Aus GP Trivia
15 March 2013
This year, Australia will host the season-opening Grand Prix for the 16th time, but that’s far from the only interesting piece of trivia about this ever-popular race. We have 22 other fast facts about the Aus GP …
Courtesy of www.formula1.com.
- The 2013 Formula 1 Rolex Australian Grand Prix marks the 29th time that Australia has hosted a round of the FIA Formula One World Championship. The first was held in Adelaide in 1985. However, according to the Australian Grand Prix Corporation Melbourne first hosted the full scale F1 in 1953 and that's why they are celebrating the 60 year anniversary this year. We suspect the difference in opinion is a matter of semantics but we're not quite sure why.
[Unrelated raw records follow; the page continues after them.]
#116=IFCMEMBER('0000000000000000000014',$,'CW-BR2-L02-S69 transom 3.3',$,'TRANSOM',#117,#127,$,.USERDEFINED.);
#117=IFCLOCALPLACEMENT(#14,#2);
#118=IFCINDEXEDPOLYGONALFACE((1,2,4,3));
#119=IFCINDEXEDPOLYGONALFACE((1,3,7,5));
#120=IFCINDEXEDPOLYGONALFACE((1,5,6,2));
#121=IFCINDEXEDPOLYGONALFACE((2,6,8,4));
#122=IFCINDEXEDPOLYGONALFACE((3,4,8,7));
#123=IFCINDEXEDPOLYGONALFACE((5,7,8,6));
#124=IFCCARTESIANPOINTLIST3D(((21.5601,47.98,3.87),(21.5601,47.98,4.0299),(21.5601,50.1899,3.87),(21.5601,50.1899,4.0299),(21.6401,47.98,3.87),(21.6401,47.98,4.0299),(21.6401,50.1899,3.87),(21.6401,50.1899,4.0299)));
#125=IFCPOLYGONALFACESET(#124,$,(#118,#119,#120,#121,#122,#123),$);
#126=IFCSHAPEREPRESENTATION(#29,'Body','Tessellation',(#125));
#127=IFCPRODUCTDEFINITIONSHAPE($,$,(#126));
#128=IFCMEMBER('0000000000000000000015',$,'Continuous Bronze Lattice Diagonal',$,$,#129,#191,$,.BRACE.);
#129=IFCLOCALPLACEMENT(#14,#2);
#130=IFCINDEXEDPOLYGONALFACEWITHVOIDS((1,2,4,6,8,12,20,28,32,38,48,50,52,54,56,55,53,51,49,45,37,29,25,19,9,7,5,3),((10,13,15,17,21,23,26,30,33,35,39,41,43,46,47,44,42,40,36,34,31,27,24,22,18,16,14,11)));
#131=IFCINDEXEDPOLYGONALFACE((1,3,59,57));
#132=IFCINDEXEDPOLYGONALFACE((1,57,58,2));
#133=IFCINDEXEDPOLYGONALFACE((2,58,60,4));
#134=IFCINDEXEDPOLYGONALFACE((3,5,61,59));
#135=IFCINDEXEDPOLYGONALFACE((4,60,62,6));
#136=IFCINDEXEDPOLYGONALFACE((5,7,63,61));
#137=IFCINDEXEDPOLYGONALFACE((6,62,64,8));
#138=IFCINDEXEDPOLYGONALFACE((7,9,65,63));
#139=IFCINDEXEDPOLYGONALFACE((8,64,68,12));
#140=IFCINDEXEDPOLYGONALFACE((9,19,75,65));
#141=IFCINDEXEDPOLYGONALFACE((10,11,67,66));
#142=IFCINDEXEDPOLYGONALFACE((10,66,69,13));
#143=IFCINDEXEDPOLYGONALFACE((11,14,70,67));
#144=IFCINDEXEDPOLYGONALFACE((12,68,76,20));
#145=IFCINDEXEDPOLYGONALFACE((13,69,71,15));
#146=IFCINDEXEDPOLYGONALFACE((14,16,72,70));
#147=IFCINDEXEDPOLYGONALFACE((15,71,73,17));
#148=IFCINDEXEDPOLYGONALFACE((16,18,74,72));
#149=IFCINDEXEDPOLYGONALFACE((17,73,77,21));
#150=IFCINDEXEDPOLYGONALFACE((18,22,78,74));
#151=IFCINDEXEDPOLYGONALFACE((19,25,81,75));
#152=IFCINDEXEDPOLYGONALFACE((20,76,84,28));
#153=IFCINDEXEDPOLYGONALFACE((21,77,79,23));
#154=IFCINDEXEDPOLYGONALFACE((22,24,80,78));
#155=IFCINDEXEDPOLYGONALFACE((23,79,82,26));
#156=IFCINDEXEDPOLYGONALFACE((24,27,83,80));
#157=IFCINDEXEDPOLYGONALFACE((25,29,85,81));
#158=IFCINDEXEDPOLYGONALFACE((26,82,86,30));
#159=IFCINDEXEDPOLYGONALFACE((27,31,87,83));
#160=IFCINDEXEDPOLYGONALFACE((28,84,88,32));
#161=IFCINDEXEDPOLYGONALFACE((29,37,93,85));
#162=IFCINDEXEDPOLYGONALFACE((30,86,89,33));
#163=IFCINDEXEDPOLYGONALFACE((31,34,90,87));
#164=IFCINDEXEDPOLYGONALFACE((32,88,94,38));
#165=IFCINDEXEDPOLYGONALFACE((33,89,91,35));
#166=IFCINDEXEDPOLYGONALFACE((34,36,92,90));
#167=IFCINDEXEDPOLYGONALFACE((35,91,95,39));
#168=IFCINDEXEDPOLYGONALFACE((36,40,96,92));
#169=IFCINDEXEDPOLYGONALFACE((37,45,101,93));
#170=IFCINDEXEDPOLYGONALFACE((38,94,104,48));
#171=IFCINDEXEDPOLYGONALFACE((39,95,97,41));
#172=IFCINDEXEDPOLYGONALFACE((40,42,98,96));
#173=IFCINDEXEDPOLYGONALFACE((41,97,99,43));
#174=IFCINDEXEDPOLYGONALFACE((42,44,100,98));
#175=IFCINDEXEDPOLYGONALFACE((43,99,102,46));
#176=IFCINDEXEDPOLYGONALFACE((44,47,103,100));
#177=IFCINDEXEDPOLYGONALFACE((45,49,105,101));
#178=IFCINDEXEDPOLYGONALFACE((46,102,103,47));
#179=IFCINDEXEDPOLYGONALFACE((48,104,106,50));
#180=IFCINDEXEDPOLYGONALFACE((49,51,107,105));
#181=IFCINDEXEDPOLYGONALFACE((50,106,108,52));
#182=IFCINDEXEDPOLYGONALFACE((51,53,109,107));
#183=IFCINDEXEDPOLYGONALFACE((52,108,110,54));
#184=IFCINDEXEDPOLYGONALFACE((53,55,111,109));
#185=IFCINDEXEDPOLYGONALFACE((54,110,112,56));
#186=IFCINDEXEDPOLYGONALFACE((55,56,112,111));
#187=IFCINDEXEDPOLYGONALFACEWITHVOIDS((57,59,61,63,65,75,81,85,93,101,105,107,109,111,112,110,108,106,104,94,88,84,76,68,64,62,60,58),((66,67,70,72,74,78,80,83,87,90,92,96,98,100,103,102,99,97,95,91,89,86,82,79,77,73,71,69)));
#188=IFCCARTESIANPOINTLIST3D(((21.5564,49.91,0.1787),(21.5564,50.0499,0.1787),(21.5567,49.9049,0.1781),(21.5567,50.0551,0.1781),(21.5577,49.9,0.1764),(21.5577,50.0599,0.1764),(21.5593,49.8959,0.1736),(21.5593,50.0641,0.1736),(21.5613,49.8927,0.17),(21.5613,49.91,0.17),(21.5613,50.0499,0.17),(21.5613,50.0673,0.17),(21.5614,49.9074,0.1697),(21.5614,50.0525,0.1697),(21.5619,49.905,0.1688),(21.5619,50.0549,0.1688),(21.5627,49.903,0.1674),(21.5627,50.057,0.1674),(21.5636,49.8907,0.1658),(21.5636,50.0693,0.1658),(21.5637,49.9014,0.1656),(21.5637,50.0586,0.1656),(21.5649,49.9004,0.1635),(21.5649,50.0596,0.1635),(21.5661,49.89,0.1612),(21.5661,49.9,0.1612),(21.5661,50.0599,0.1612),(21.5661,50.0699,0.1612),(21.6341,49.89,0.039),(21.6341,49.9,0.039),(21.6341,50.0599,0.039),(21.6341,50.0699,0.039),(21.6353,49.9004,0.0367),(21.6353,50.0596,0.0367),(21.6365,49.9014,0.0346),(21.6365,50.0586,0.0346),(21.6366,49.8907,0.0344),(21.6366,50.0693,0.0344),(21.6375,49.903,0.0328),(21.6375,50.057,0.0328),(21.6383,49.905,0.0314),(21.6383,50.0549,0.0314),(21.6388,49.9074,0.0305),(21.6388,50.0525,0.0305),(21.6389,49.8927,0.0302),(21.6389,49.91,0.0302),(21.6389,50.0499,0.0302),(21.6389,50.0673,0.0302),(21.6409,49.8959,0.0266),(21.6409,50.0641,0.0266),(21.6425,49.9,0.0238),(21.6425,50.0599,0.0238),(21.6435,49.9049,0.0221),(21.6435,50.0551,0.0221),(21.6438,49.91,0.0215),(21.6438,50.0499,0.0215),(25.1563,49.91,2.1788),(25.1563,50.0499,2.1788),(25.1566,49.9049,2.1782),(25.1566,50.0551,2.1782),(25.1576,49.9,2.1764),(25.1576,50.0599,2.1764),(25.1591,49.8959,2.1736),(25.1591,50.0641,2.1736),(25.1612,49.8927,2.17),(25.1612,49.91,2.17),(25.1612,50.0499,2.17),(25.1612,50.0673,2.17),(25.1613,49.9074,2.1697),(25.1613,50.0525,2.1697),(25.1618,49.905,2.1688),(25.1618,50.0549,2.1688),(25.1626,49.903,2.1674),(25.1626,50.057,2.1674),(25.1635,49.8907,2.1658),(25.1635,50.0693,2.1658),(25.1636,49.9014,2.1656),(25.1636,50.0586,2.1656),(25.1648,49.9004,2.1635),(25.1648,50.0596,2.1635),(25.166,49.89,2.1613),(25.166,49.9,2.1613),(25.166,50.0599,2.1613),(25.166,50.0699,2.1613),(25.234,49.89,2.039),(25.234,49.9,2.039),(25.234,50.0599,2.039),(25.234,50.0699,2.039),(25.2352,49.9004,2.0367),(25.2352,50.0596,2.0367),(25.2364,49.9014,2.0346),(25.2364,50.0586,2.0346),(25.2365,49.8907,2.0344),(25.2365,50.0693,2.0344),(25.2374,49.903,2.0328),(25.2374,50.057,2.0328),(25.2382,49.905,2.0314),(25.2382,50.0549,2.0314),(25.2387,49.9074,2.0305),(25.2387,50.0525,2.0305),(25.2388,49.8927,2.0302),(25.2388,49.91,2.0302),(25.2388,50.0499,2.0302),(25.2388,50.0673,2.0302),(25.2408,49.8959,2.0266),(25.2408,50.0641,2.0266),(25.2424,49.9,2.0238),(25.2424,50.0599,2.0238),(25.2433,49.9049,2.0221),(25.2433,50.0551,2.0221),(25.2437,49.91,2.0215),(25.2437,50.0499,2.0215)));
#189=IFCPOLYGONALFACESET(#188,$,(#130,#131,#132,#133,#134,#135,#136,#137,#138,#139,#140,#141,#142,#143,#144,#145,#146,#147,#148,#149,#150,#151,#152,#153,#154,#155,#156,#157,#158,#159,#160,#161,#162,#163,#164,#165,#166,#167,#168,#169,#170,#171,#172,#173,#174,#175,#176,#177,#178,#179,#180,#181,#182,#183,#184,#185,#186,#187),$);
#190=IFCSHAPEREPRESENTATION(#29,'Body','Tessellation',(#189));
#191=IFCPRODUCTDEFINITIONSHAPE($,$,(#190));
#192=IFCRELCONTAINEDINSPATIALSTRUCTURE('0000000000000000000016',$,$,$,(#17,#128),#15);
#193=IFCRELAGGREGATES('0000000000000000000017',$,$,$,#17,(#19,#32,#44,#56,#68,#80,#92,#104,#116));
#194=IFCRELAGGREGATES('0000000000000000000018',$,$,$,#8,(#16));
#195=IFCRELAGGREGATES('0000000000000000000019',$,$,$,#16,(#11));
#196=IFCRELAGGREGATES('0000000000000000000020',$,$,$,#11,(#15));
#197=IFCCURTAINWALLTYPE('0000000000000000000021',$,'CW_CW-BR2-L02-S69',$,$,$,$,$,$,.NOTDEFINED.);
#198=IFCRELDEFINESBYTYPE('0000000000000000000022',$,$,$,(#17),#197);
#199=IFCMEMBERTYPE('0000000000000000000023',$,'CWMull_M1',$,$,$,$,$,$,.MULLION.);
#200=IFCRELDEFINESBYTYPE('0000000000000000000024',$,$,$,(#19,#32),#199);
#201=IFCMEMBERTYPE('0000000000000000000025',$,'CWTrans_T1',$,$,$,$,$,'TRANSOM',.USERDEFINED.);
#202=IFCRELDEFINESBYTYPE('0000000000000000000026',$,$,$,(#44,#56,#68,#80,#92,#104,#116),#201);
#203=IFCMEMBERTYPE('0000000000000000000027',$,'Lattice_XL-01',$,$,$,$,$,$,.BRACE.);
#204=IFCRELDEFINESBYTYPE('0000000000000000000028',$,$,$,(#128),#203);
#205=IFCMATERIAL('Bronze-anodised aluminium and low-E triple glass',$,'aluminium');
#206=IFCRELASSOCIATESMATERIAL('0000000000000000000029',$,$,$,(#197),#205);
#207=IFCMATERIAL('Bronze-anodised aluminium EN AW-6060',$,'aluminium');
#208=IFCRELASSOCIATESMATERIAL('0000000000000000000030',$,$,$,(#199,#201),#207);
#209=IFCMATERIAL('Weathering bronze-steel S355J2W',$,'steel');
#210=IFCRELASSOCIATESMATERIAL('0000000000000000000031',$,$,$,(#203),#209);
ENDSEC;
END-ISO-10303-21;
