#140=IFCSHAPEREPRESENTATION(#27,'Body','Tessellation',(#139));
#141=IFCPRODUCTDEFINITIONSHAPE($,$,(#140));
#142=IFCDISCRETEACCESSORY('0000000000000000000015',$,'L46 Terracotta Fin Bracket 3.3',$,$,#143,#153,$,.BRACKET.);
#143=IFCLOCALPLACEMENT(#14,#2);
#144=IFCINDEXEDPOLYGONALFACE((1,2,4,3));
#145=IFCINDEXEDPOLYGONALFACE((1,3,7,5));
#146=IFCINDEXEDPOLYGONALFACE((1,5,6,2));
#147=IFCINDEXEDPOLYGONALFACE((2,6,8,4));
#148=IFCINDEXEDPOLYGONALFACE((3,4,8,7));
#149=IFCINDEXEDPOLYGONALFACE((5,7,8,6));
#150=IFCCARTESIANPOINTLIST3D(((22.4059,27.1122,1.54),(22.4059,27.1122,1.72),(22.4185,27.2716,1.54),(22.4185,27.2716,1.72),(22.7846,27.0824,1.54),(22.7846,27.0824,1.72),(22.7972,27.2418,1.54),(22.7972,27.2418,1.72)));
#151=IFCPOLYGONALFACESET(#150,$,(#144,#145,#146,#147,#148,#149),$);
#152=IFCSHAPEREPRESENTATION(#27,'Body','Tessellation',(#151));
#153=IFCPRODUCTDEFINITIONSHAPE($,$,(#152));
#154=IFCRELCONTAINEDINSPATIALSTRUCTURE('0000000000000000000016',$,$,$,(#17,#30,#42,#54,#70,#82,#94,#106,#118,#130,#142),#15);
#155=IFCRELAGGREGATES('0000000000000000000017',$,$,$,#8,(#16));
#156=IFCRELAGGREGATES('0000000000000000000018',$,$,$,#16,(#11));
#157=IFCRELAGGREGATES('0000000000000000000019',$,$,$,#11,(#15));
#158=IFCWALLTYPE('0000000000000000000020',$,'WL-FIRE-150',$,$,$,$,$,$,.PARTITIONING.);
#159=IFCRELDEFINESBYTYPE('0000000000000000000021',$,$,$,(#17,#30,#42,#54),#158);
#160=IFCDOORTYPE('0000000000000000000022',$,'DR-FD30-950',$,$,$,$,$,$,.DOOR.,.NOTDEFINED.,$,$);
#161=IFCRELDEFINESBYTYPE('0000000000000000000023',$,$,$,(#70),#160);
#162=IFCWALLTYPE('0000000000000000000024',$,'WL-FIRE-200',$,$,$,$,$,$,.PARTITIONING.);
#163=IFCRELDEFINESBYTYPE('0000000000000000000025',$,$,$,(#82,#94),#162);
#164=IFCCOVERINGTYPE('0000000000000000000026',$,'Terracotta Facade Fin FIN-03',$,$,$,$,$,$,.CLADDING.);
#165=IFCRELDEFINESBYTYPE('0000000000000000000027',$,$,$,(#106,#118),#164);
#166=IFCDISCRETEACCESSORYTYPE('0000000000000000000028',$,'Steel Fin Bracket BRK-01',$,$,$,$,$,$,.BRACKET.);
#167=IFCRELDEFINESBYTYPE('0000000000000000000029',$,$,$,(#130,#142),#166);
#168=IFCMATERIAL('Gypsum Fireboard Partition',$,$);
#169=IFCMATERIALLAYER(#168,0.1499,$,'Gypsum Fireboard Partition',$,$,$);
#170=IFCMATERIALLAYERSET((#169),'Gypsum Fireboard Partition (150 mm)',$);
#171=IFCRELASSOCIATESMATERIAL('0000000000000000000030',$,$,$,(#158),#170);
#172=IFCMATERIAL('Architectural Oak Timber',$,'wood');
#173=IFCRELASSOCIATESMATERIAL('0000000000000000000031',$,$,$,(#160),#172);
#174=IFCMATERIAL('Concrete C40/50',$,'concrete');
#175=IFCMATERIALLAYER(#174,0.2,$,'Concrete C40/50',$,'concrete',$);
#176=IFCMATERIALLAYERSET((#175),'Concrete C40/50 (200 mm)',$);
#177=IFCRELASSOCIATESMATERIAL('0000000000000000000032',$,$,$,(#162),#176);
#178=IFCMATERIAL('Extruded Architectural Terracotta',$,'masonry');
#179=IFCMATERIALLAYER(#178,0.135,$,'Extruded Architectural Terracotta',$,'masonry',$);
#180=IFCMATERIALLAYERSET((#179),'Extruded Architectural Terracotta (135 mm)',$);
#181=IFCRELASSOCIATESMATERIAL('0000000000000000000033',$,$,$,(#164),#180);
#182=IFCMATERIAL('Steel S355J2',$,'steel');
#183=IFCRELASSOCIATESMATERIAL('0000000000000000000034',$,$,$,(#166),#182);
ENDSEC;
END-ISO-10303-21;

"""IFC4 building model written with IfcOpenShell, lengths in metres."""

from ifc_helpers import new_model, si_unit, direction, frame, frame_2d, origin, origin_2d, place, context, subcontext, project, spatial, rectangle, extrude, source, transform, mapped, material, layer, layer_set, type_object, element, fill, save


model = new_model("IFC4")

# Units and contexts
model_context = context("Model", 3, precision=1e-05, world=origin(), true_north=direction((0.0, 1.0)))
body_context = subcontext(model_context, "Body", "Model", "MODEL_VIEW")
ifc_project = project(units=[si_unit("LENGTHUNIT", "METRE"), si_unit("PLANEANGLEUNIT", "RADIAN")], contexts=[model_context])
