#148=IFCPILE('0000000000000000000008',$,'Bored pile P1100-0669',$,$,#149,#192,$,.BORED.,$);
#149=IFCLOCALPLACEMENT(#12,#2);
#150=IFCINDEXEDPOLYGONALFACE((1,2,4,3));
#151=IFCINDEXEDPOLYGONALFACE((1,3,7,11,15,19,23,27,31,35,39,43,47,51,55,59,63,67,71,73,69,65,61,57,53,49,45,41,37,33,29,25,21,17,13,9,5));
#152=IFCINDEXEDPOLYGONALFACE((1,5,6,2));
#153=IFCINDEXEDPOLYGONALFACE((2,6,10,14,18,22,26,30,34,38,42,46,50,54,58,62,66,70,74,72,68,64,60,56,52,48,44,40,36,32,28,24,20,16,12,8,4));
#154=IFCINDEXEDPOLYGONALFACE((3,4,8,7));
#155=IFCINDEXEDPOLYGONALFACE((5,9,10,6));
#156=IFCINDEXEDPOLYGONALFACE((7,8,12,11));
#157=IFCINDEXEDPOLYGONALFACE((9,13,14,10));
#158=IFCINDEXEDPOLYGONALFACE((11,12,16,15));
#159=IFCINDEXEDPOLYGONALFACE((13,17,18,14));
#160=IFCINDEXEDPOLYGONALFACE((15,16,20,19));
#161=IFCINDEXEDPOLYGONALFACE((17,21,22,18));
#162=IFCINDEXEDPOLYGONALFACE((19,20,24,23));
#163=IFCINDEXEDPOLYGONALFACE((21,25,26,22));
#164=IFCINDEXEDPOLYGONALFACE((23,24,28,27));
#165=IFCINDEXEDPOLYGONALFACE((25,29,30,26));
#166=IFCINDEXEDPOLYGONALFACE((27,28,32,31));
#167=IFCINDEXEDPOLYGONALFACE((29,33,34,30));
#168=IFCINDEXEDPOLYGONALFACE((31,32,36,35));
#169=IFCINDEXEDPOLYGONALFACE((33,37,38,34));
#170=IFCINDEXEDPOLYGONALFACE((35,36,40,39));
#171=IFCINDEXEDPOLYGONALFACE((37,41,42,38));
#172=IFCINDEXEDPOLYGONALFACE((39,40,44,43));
If you have an opinion comment below.
- Melbourne’s Albert Park will stage the event for the 18th time in 2013. It first hosted the Australian Grand Prix in 1996.
- Michael Schumacher has won the most Australian Grands Prix, with all four of his wins coming in Melbourne (in 2000, 2001, 2002 and 2004). Jenson Button could equal the German’s record this year - he currently has three wins Down Under…
- McLaren are the most successful constructor in Australian Grand Prix history - they have 11 wins and 13 further podiums. However, since the race moved from Adelaide to Melbourne, McLaren and Ferrari have claimed six victories each…
- Mercedes engines have powered four of the last five Australian Grand Prix winners.
- Ayrton Senna holds the record for the most Australian Grand Prix pole positions - six, all of which were scored in Adelaide.
- Of the drivers on the grid in 2013, Jenson Button has led the most laps in Australia - 150 in total.
- Five drivers have celebrated their 100th Grand Prix start in Australia - Alan Jones and Patrick Tambay in 1985, Damon Hill in 1999, Jacques Villeneuve in 2002, and Nick Heidfeld in 2006.
- Only four drivers in history have started over 250 Grands Prix, but strangely enough two of them reached the 250 race starts milestone in Australia - Rubens Barrichello in 2008 and Michael Schumacher in 2010.
- Fernando Alonso, Kimi Raikkonen and Lewis Hamilton have very similar podium records at the Australian Grand Prix - all three have reached the podium four times, and each has stood on the top step once.
- If Kimi Raikkonen sets the fastest lap around Albert Park in 2013, he’ll equal Michael Schumacher’s record of five Australian Grand Prix fastest laps.
- Three engine manufacturers have won the Australian Grand Prix seven times - Ferrari, Renault and Mercedes.
- Drivers of nine nationalities have won the Australian Grand Prix. Great Britain can boast the most different winners (six - Nigel Mansell, Damon Hill, Eddie Irvine, David Coulthard, Lewis Hamilton and Jenson Button) and the most wins overall (ten).
- The longest Australian Grand Prix was the 1985 edition, which ran to 2 hours and 40.473 seconds. The shortest - and also the shortest Grand Prix in world championship history - was the 1991 race, which lasted just 24 minutes and 34.899 seconds before being abandoned because of heavy rain.
- No Australian has ever won the Australian Grand Prix. The best result for an Australian driver is the fourth place recorded by Mark Webber for Red Bull in 2012.
- Australia had the honour of hosting the 500th world championship Grand Prix, in Adelaide in 1990. It was won by Nelson Piquet for Benetton.
- Australia hosted the last race of Formula One racing’s famed ‘turbo era’ in 1988. The Honda-engined cars of Alain Prost, Ayrton Senna and Nelson Piquet swept the podium.
- Nigel Mansell is the oldest Australian Grand Prix winner - he was 41 years and 97 days old when he won the 1994 race for Williams. He remains the seventh-oldest Grand Prix winner of all time and the oldest race winner since Australian legend Jack Brabham took victory in South Africa in 1970.
- In Australia this weekend there will be two Mexican drivers (Sergio Perez and Esteban Gutierrez) on the grid for the first time since Pedro Rodriguez and Moises Solana started the 1968 Mexican Grand Prix.
- The last time there were at least four French drivers on the grid for a season-opening Grand Prix was 1994. Back then they were Jean Alesi, Erik Comas, Olivier Panis, Eric Bernard, and Luxembourg-born racer Bertrand Gachot, who raced with a French license. This year Romain Grosjean, Jean-Eric Vergne, Jules Bianchi and Charles Pic will represent France.
- Great Britain will have four drivers (Lewis Hamilton, Jenson Button, Max Chilton, Paul di Resta) on the grid for the season-opening Grand Prix for the first time since 2008 (David Coulthard, Lewis Hamilton, Jenson Button and Anthony Davidson).
- In Australia, Kimi Raikkonen (who, along with Fernando Alonso, made his Formula One debut at Albert Park in 2001) will look to extend his sequence of 17 consecutive points finishes. The streak began at last year’s Bahrain Grand Prix.